One of the key roles of a Police and Crime Commissioner is to produce a Police and Crime Plan which sets out the direction for policing for the next four years. This is a legal document that the Office of the Police and Crime Commissioner (OPCC) must produce under the Police Reform and Social Responsibility Act 2011. The Police and Crime Plan is a blueprint for local policing, developed through extensive public consultation, research, and assessments of local needs and resources. 

“Our communities’ safety and trust in our policing are paramount,” commented PCC Llywelyn. “This consultation is a crucial step in developing our updated Police and Crime Plan. By listening to the voices of our community through surveys and focus groups, we ensure that our strategy aligns with their needs and concerns. 

“My overarching vision for the next four years is to improve public trust and confidence in the policing service, making Dyfed-Powys a safe place to live, learn, work, and travel. To achieve this, I would like to focus on three key areas: supporting safer communities and preventing harm, supporting victims, and preventing victimisation, and delivering justice. 

“Every action taken by the police and justice services is geared towards providing the best support for victims. Preventing harm and addressing issues at their root is crucial. Through effective collaboration with public sector partners and leveraging specialised knowledge from our commissioned services, we aim to deliver a justice system that truly serves and protects the public. 

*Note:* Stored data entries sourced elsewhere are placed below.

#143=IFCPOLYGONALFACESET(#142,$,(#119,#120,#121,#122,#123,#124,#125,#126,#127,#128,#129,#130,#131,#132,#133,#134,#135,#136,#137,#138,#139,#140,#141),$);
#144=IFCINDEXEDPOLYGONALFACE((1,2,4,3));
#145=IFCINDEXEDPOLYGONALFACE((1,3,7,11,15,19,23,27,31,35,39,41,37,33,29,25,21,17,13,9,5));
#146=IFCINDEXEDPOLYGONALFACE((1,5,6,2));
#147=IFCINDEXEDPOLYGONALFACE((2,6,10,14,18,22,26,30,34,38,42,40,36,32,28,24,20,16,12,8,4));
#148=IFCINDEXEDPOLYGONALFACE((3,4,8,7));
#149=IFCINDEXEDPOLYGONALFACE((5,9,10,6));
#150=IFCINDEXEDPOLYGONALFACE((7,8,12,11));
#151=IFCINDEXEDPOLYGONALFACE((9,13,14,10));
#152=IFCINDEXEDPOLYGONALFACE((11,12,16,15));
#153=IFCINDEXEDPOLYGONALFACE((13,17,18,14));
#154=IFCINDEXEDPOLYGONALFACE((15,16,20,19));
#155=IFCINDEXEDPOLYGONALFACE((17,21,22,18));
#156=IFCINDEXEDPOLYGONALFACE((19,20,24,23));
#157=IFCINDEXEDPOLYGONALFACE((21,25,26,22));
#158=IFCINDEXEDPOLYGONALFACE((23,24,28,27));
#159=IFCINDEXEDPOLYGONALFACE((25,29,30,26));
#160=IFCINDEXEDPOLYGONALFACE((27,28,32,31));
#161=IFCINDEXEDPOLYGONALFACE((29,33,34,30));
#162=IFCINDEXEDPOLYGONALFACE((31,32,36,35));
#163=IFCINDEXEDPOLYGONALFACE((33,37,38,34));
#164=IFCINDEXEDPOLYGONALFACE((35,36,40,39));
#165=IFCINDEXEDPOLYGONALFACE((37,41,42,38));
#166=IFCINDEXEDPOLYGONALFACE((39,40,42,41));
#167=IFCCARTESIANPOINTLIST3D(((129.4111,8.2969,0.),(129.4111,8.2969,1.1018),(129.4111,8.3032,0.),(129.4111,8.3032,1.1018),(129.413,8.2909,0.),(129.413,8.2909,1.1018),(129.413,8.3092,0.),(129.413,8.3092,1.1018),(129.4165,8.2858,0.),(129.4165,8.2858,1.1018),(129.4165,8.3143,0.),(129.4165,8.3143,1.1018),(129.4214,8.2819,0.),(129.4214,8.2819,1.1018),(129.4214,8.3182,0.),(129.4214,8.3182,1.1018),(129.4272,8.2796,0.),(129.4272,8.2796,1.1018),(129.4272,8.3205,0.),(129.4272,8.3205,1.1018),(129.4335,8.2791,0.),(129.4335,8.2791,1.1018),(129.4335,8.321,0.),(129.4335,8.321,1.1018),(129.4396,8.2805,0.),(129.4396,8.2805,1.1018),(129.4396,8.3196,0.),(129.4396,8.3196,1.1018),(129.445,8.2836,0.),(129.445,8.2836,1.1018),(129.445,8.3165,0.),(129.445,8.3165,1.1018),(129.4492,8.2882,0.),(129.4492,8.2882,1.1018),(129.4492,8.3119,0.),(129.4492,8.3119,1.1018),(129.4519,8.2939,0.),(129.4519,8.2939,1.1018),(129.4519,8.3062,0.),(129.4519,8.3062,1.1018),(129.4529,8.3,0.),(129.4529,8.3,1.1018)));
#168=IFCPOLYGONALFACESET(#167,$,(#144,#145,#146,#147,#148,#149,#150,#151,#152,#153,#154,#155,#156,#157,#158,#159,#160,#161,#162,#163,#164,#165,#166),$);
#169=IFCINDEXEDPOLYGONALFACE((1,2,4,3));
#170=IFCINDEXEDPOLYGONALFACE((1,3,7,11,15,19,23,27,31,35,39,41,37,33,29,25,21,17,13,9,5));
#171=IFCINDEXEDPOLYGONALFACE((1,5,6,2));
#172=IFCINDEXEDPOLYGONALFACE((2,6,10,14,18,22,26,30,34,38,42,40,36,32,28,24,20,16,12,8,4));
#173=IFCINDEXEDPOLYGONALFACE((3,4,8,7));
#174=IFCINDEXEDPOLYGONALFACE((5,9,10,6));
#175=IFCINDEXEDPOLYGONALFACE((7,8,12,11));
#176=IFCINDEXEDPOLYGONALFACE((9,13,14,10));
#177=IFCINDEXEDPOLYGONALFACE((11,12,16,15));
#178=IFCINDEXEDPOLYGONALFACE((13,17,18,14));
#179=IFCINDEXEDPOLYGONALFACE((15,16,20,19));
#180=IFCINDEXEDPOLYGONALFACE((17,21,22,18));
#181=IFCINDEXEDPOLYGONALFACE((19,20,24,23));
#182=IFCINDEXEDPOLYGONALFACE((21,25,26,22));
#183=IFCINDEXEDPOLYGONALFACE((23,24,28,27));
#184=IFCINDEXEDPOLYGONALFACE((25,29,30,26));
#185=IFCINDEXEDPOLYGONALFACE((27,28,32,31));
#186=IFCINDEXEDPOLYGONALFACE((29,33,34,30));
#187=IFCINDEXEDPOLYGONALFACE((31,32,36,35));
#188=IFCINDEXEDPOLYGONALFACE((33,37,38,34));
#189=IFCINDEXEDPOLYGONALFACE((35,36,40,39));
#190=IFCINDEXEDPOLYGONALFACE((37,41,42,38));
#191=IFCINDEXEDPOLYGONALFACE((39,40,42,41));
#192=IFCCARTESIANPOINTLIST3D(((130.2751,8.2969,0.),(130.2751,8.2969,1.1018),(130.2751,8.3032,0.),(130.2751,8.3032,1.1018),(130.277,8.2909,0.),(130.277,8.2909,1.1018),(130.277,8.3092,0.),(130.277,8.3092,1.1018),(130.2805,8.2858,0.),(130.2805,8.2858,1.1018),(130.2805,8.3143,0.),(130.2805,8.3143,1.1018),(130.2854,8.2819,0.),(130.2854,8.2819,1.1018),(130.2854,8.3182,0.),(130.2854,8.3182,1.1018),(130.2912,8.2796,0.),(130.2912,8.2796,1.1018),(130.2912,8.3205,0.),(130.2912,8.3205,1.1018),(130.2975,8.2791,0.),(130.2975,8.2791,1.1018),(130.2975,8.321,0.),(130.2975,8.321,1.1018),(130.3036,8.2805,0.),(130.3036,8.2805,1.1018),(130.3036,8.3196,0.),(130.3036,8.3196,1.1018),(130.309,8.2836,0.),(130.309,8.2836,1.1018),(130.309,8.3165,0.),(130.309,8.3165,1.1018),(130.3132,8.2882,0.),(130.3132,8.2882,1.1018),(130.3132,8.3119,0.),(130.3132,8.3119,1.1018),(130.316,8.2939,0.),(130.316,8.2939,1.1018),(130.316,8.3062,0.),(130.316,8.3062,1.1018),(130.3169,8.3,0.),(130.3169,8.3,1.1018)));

“Victims’ needs must be central to all our efforts and Your feedback is vital in shaping our policing priorities. By participating in the Police and Crime Plan Consultation, you have the opportunity to influence critical policing decisions, ensuring that Dyfed-Powys Police can continue to safeguard its communities with the highest standard of service available. 

“I am honoured to continue serving as your Police and Crime Commissioner. Together, we will build a safer, more resilient Dyfed-Powys.” 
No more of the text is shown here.